First, we need adapt our harness to use libFuzzer. Fortunately, we'll be deleting code, so this step is pretty easy. Remember that libFuzzer harnesses deliver test cases via arguments to a function named LLVMFuzzerTestOneInput. So for this step, we'll rename our main function and remove the file IO code.

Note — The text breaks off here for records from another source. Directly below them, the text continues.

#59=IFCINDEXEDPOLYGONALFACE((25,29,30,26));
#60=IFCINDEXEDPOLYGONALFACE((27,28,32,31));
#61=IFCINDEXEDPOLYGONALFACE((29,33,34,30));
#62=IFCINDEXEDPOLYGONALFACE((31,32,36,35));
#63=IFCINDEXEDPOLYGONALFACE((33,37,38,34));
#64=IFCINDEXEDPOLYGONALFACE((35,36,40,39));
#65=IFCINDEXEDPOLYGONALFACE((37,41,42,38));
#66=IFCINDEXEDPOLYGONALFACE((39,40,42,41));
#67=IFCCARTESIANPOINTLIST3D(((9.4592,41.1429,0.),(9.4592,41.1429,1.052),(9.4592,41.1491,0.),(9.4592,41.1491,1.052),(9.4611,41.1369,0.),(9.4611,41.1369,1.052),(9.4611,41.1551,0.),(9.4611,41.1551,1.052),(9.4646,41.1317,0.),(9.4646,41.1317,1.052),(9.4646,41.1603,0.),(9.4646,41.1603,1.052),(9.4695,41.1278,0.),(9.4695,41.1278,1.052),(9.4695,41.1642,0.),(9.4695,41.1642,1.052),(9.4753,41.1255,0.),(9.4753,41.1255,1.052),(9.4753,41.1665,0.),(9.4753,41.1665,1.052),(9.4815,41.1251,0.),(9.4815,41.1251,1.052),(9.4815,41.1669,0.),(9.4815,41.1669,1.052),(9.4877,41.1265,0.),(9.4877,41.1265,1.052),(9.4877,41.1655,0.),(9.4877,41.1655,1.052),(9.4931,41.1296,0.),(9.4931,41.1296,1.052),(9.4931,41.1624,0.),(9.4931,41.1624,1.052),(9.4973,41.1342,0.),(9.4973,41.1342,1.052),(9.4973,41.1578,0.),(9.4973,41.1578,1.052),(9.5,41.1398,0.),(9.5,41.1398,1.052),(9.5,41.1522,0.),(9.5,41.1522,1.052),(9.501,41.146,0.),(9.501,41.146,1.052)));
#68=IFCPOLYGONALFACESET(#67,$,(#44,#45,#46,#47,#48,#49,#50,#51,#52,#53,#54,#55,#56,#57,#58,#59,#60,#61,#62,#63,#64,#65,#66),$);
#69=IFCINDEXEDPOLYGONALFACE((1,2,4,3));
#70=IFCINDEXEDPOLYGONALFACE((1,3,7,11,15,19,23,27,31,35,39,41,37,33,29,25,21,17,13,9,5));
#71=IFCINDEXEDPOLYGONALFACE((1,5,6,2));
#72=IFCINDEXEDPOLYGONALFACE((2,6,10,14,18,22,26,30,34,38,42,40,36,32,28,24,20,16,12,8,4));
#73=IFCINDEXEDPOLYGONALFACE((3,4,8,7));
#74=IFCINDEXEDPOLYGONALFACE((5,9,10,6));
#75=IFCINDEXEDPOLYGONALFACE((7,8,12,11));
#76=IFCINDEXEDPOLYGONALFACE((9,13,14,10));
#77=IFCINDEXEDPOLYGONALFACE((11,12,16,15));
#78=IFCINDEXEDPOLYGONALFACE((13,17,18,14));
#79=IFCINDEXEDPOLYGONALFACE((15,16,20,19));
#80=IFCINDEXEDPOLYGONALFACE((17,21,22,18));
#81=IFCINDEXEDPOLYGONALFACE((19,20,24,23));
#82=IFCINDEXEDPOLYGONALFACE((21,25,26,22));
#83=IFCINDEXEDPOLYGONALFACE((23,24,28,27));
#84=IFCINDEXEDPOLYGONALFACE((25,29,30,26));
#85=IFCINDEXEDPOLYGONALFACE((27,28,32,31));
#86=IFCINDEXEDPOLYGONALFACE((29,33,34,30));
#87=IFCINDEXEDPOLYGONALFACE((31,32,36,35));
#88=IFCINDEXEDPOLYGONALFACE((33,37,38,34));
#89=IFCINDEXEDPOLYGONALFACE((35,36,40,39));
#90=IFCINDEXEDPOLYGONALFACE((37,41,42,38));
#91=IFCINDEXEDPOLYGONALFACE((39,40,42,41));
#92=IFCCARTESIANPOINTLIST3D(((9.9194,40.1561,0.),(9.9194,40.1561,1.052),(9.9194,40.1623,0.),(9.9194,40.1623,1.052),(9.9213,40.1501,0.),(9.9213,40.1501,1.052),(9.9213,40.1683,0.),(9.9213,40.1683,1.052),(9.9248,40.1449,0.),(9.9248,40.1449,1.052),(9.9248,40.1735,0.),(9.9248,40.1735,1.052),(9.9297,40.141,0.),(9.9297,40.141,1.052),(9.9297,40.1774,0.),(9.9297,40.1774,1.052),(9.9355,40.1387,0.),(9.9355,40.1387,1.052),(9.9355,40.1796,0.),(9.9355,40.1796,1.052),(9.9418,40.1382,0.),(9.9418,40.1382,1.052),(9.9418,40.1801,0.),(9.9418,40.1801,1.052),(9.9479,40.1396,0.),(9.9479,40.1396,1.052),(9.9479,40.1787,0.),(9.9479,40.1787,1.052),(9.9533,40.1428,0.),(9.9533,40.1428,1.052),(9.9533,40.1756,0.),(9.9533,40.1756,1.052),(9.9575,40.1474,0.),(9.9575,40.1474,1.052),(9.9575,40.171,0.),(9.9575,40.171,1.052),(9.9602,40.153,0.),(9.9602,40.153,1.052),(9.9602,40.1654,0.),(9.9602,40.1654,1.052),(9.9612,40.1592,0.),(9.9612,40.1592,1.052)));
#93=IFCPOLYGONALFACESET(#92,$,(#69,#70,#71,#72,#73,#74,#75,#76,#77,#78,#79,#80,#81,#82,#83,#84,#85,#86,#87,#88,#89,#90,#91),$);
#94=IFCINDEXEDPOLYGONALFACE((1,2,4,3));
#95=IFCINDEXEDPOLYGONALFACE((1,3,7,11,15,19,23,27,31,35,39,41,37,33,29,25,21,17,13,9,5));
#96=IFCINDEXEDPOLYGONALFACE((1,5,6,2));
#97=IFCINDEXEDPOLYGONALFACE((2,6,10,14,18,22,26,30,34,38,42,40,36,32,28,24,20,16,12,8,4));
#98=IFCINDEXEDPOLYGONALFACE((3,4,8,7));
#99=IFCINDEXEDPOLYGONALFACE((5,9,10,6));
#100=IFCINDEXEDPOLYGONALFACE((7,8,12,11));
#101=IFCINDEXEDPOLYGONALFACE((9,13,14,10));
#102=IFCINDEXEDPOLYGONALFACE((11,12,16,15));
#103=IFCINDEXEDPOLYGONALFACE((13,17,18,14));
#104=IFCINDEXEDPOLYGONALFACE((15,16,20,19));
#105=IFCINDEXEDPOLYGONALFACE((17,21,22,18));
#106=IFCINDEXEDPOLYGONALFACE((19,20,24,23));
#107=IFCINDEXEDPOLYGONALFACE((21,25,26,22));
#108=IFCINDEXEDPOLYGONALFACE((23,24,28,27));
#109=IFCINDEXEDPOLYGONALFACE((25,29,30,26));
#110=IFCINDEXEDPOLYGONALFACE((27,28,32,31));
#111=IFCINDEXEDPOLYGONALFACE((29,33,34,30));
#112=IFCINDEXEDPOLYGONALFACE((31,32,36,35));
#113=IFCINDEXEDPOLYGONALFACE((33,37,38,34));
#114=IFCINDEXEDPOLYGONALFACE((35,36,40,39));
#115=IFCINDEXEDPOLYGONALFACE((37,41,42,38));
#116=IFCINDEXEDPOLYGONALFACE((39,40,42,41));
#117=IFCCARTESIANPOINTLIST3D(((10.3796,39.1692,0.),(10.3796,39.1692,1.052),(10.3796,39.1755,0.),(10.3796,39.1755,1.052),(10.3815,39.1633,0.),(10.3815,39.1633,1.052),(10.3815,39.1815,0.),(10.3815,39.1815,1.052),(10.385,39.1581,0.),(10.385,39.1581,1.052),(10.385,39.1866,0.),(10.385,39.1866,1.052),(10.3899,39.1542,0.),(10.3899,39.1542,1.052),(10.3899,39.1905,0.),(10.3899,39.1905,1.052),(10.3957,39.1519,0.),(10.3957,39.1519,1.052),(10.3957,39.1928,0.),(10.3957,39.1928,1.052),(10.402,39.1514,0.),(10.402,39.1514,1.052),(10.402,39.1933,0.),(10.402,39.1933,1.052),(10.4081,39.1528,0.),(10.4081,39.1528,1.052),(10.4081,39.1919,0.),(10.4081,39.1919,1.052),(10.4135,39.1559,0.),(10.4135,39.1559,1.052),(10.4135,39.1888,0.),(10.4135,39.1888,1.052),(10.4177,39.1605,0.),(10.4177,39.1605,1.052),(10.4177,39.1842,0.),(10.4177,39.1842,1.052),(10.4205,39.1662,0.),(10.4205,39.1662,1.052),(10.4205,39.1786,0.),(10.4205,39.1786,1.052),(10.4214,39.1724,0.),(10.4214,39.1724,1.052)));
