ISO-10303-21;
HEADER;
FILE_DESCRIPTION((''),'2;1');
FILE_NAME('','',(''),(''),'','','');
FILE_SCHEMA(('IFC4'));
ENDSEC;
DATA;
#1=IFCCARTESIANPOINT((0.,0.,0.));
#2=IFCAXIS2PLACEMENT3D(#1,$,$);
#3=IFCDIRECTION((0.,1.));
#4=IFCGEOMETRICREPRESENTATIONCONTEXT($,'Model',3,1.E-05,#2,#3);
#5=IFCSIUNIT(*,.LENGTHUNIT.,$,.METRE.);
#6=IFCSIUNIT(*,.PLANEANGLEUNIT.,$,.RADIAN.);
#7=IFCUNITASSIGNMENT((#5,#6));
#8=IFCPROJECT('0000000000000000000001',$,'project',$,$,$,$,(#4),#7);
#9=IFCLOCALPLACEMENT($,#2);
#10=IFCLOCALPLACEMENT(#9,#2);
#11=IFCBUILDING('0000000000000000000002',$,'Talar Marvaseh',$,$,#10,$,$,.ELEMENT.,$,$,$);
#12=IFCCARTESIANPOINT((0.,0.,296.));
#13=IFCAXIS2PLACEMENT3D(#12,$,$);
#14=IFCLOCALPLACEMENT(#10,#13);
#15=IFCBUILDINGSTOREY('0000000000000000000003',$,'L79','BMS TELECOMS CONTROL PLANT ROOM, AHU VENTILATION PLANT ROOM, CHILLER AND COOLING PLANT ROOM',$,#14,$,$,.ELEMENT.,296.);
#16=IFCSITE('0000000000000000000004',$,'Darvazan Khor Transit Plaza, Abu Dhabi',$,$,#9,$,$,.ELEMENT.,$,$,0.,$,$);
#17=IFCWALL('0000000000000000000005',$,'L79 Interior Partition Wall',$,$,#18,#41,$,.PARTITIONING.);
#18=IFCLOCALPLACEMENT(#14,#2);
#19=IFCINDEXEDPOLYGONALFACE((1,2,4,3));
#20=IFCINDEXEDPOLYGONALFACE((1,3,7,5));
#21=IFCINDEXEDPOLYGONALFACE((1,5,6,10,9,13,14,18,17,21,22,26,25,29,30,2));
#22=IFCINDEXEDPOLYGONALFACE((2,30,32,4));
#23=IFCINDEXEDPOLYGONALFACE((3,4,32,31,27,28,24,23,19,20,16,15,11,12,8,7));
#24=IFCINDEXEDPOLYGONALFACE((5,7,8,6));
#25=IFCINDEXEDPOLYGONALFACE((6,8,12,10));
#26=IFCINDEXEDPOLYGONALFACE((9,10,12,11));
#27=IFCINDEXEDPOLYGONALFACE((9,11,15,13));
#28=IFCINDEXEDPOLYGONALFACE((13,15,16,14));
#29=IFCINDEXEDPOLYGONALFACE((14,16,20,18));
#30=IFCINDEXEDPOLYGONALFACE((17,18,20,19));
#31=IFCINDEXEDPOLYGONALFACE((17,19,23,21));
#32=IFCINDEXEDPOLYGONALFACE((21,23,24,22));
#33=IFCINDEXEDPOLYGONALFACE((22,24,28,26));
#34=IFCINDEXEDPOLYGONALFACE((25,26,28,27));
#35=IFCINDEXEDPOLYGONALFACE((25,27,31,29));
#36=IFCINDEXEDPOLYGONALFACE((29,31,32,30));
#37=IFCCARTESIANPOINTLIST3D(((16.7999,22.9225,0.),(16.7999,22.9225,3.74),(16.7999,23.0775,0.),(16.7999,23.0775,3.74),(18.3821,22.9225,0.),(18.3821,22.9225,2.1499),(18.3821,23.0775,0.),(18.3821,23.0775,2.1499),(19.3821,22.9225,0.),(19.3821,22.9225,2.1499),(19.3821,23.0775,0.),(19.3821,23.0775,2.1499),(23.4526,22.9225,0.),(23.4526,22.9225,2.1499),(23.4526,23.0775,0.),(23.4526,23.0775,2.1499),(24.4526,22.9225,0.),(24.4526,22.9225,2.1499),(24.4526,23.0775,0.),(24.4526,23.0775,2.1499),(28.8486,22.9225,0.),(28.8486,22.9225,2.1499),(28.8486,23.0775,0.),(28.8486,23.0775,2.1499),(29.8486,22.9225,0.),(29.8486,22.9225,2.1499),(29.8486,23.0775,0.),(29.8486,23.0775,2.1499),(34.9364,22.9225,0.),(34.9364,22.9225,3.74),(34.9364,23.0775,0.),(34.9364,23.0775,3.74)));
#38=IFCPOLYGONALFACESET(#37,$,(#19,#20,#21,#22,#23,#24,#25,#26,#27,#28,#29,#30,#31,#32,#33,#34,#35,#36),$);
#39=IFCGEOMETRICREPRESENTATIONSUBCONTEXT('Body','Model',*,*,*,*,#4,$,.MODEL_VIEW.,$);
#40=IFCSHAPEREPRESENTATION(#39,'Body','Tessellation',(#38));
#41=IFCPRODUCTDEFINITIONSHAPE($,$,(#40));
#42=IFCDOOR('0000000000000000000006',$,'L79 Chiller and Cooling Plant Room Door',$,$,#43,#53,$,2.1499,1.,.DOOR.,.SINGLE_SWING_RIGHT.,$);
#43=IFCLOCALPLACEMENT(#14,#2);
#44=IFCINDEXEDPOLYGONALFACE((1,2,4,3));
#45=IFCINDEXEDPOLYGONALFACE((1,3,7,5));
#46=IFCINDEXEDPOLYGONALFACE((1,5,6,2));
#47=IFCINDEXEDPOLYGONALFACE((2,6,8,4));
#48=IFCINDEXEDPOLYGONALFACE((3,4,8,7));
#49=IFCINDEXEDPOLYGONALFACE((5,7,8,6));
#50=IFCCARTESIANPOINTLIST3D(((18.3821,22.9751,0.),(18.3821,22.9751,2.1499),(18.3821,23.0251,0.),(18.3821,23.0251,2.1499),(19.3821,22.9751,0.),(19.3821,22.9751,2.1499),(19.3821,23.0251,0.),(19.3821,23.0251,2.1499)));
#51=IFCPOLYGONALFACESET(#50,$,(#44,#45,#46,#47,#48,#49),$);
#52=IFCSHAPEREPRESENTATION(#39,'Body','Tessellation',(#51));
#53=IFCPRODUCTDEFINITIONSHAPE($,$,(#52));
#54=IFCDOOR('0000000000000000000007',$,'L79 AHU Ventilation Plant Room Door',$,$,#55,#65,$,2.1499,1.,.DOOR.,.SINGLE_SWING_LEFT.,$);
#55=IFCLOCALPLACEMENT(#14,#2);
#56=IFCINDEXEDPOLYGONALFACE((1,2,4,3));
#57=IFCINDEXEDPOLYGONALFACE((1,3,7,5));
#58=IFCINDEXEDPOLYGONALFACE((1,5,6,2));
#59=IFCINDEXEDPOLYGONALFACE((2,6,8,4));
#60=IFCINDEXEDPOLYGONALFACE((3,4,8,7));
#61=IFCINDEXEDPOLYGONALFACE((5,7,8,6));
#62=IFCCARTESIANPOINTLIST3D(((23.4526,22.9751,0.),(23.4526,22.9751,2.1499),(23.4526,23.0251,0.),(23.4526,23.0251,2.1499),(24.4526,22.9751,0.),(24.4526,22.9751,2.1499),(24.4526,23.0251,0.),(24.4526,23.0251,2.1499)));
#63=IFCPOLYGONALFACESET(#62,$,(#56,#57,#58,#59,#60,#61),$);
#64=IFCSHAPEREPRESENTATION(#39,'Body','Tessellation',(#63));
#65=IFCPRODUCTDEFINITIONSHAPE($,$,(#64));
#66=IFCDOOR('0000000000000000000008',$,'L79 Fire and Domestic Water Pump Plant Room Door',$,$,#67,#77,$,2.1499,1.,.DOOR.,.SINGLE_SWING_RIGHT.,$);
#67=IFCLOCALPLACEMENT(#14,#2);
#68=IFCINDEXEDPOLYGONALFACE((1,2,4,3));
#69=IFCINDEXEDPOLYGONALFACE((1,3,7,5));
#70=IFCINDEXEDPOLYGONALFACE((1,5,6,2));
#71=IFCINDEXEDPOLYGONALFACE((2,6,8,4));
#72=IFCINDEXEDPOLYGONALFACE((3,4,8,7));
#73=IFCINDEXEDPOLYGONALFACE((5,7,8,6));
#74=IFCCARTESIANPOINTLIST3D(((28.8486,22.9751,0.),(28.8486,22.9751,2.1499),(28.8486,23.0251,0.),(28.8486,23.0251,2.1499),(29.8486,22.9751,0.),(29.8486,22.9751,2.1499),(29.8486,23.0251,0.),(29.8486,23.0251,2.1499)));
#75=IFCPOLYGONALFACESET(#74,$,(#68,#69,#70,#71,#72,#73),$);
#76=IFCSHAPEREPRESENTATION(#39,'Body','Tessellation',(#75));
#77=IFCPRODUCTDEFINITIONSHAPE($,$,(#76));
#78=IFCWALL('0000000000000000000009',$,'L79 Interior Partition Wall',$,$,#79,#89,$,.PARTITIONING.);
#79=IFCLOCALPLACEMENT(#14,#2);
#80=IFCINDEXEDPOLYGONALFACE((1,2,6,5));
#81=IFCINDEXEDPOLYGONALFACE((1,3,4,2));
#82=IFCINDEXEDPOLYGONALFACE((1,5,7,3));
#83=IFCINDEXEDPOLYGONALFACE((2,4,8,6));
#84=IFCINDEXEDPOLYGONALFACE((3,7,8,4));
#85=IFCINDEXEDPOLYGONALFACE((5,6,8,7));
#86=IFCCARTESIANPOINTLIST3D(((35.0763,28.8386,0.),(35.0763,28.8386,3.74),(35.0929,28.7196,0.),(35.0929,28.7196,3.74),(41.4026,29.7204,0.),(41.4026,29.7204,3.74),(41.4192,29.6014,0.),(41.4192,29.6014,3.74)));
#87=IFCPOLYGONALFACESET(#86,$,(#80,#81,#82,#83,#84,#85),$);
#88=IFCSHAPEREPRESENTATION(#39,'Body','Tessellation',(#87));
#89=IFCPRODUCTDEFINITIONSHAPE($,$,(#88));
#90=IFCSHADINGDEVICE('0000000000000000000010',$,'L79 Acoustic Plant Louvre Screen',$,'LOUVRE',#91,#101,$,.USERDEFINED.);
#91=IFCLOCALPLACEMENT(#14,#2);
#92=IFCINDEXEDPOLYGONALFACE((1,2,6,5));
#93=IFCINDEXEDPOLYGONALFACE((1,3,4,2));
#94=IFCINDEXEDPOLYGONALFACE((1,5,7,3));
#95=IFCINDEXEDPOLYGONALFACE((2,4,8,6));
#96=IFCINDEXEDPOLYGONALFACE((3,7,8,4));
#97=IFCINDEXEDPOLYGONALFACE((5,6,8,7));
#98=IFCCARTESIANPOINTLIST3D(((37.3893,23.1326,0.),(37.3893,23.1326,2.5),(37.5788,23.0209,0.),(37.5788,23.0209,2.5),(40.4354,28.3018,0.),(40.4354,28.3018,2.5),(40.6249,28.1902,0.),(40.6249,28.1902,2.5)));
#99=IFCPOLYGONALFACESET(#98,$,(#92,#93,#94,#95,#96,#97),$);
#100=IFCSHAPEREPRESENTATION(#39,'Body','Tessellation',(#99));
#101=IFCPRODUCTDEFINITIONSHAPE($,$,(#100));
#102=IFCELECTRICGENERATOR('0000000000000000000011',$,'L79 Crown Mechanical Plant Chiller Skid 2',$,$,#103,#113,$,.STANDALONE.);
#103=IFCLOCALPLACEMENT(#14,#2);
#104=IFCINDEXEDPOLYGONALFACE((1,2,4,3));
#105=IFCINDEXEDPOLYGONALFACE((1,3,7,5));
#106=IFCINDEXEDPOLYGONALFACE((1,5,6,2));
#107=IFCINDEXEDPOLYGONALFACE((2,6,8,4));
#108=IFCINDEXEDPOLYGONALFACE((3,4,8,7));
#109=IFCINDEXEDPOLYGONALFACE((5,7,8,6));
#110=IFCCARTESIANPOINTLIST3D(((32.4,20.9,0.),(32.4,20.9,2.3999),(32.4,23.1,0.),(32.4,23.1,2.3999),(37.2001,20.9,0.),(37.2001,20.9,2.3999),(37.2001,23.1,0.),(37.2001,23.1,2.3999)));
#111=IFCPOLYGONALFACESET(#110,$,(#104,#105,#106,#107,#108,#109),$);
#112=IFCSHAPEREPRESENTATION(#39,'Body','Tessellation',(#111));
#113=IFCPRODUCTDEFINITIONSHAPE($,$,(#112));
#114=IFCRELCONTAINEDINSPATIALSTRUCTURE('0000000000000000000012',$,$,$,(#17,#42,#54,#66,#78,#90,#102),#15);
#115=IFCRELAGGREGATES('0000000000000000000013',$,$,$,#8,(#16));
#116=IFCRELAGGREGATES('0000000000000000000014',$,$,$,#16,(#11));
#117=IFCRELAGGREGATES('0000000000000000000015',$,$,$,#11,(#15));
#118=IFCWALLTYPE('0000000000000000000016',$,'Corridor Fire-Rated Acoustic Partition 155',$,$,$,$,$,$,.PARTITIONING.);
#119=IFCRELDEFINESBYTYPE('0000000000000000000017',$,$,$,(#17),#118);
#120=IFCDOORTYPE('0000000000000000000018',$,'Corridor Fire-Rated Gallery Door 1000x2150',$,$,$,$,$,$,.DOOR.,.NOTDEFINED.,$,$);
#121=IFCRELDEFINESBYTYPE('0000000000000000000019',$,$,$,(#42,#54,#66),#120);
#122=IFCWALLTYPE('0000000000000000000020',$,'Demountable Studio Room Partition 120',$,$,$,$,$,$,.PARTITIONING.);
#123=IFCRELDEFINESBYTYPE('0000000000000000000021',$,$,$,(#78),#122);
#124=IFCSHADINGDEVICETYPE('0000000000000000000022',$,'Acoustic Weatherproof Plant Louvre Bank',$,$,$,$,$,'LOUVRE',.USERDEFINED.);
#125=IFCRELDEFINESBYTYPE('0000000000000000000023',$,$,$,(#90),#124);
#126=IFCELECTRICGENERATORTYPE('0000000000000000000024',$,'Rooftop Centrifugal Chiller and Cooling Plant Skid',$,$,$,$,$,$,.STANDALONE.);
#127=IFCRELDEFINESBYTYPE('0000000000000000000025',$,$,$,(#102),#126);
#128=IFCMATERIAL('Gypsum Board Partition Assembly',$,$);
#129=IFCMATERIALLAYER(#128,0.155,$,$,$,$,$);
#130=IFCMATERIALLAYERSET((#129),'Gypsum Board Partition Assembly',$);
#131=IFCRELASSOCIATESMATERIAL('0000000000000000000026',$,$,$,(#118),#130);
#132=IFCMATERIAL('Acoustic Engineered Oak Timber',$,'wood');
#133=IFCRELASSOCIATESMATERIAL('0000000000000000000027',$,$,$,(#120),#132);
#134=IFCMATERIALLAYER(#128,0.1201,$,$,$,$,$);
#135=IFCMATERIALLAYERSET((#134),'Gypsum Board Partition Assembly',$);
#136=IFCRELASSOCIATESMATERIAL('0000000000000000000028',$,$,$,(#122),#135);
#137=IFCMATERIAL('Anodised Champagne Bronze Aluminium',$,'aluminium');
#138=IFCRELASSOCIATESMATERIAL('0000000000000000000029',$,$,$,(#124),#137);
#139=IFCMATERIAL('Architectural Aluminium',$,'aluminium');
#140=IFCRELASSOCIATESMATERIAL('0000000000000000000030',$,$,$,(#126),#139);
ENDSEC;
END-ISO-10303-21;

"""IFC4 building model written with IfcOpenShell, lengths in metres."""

from ifc_helpers import new_model, si_unit, direction, frame, frame_2d, origin, origin_2d, place, context, subcontext, project, spatial, rectangle, extrude, source, transform, mapped, material, layer, layer_set, type_object, type_shapes, element, fill, save


model = new_model("IFC4")

# Units and contexts
model_context = context("Model", 3, precision=1e-05, world=origin(), true_north=direction((0.0, 1.0)))
body_context = subcontext(model_context, "Body", "Model", "MODEL_VIEW")
ifc_project = project(units=[si_unit("LENGTHUNIT", "METRE"), si_unit("PLANEANGLEUNIT", "RADIAN")], contexts=[model_context])

# Site, building, storey
site_placement = place(None, origin())
site = spatial("IfcSite", under=ifc_project, at=site_placement, Name="Darvazan Khor Transit Plaza, Abu Dhabi", CompositionType="ELEMENT", RefElevation=0.0)
building_placement = place(site_placement, origin())
building = spatial("IfcBuilding", under=site, at=building_placement, Name="Talar Marvaseh", CompositionType="ELEMENT")
storey_placement = place(building_placement, frame((0.0, 0.0, 296.0)))
storey = spatial("IfcBuildingStorey", under=building, at=storey_placement, Name="L79", Description="BMS TELECOMS CONTROL PLANT ROOM, AHU VENTILATION PLANT ROOM, CHILLER AND COOLING PLANT ROOM", CompositionType="ELEMENT", Elevation=296.0)

# Shared definitions
ifc_material_1 = material(Name="Architectural Aluminium", Category="aluminium")

# Wall, openings, doors
ifc_material_2 = material(Name="Gypsum Board Partition Assembly")
ifc_layer_1 = layer(ifc_material_2, 0.155)
ifc_layer_set_1 = layer_set([ifc_layer_1], Name="Gypsum Board Partition Assembly")
wall_type_1 = type_object("IfcWallType", Name="Corridor Fire-Rated Acoustic Partition 155", PredefinedType="PARTITIONING", material=ifc_layer_set_1)
wall_1_placement = place(storey_placement, frame((34.9365, 23.0, 0.0), z_axis=(0.0, 0.0, 1.0), x_axis=(-1.0, 0.0, 0.0)))
wall_1 = element("IfcWall", 1, at=wall_1_placement, inside=storey, type_object=wall_type_1, Name="L79 Interior Partition Wall", PredefinedType="PARTITIONING", context=body_context, shape_type="SweptSolid", body=[
    extrude(rectangle(XDim=18.1365, YDim=0.155, at=frame_2d((9.0684, 0.0))), origin(), (0.0, 0.0, 1.0), 3.74),
])
opening_1_placement = place(wall_1_placement, frame((15.5544, 0.0, 0.0)))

Change into cansecwest22/cereal:

```
cd cansecwest22/cereal
```

Modify json_fuzzer.cpp and the main function for libFuzzer using your favorite text editor. It should look similar to this:

extern "C" int LLVMFuzzerTestOneInput(const uint8_t* data, size_t size)
{
    std::string s(data, data + size);
    std::stringstream ss;

    {
        cereal::JSONOutputArchive oa(ss);
        oa(s);
    }

    return 0;
}

Next we need to update the Makefile to add libFuzzer instrumentation to our target. We'll change the compiler from GCC to Clang, and add -fsanitize=fuzzer. The resulting Makefile should look similar to this:

json_fuzzer:
    clang++ -std=c++17 -c -Icereal/include -fsanitize=fuzzer json_fuzzer.cpp
    clang++ -fsanitize=fuzzer json_fuzzer.o -o json_fuzzer

clean:
    rm -f *.o json_fuzzer

Step 2. Modify json_harness.cpp to deserialize the result and check for equality.

Now we need to add a step to deserialize the data, and check for equality. Modify json_harness.cpp to look similar to this:

extern "C" int LLVMFuzzerTestOneInput(const uint8_t* data, size_t size)
{
    std::string s(data, data + size);

    std::stringstream ss;

    std::string s2;

    // Note: we have to wrap writing to the output archive because the data
    // isn't flushed to stringstream until it goes out of scope.
    {
        cereal::JSONOutputArchive oa(ss);
        oa(s);
    }

    cereal::JSONInputArchive ia(ss);
    ia(s2);

    assert(s == s2);

    return 0;
}

Step 3. Update the Mayhemfile

Since our Cereal harness no longer accepts file input, we need to update the Mayhemfile so that it doesn't pass the input via file. Update the cmd structure to remove the @@:

...
  - cmd: /json_fuzzer
...

Step 3. Start a run against the updated target.

First, re-build the Docker image:

docker build -t ghcr.io/<YOUR GITHUB USERNAME>/cereal-json:latest .

Push to the registry:

docker push ghcr.io/<YOUR GITHUB USERNAME>/cereal-json:latest

You should not have to mark the package as public again.

Finally, start the run:

mayhem run .

You should see output that indicates the run started successfully:

Run started: cereal-json/cereal-json-latest/2
Run URL: https://mayhem.forallsecure.com:443/nathanjackson/cereal-json/cereal-json-latest/2
cereal-json/cereal-json-latest/2

Open the Mayhem UI, and you should see that Mayhem finds a defect within a few seconds due to an assertion error.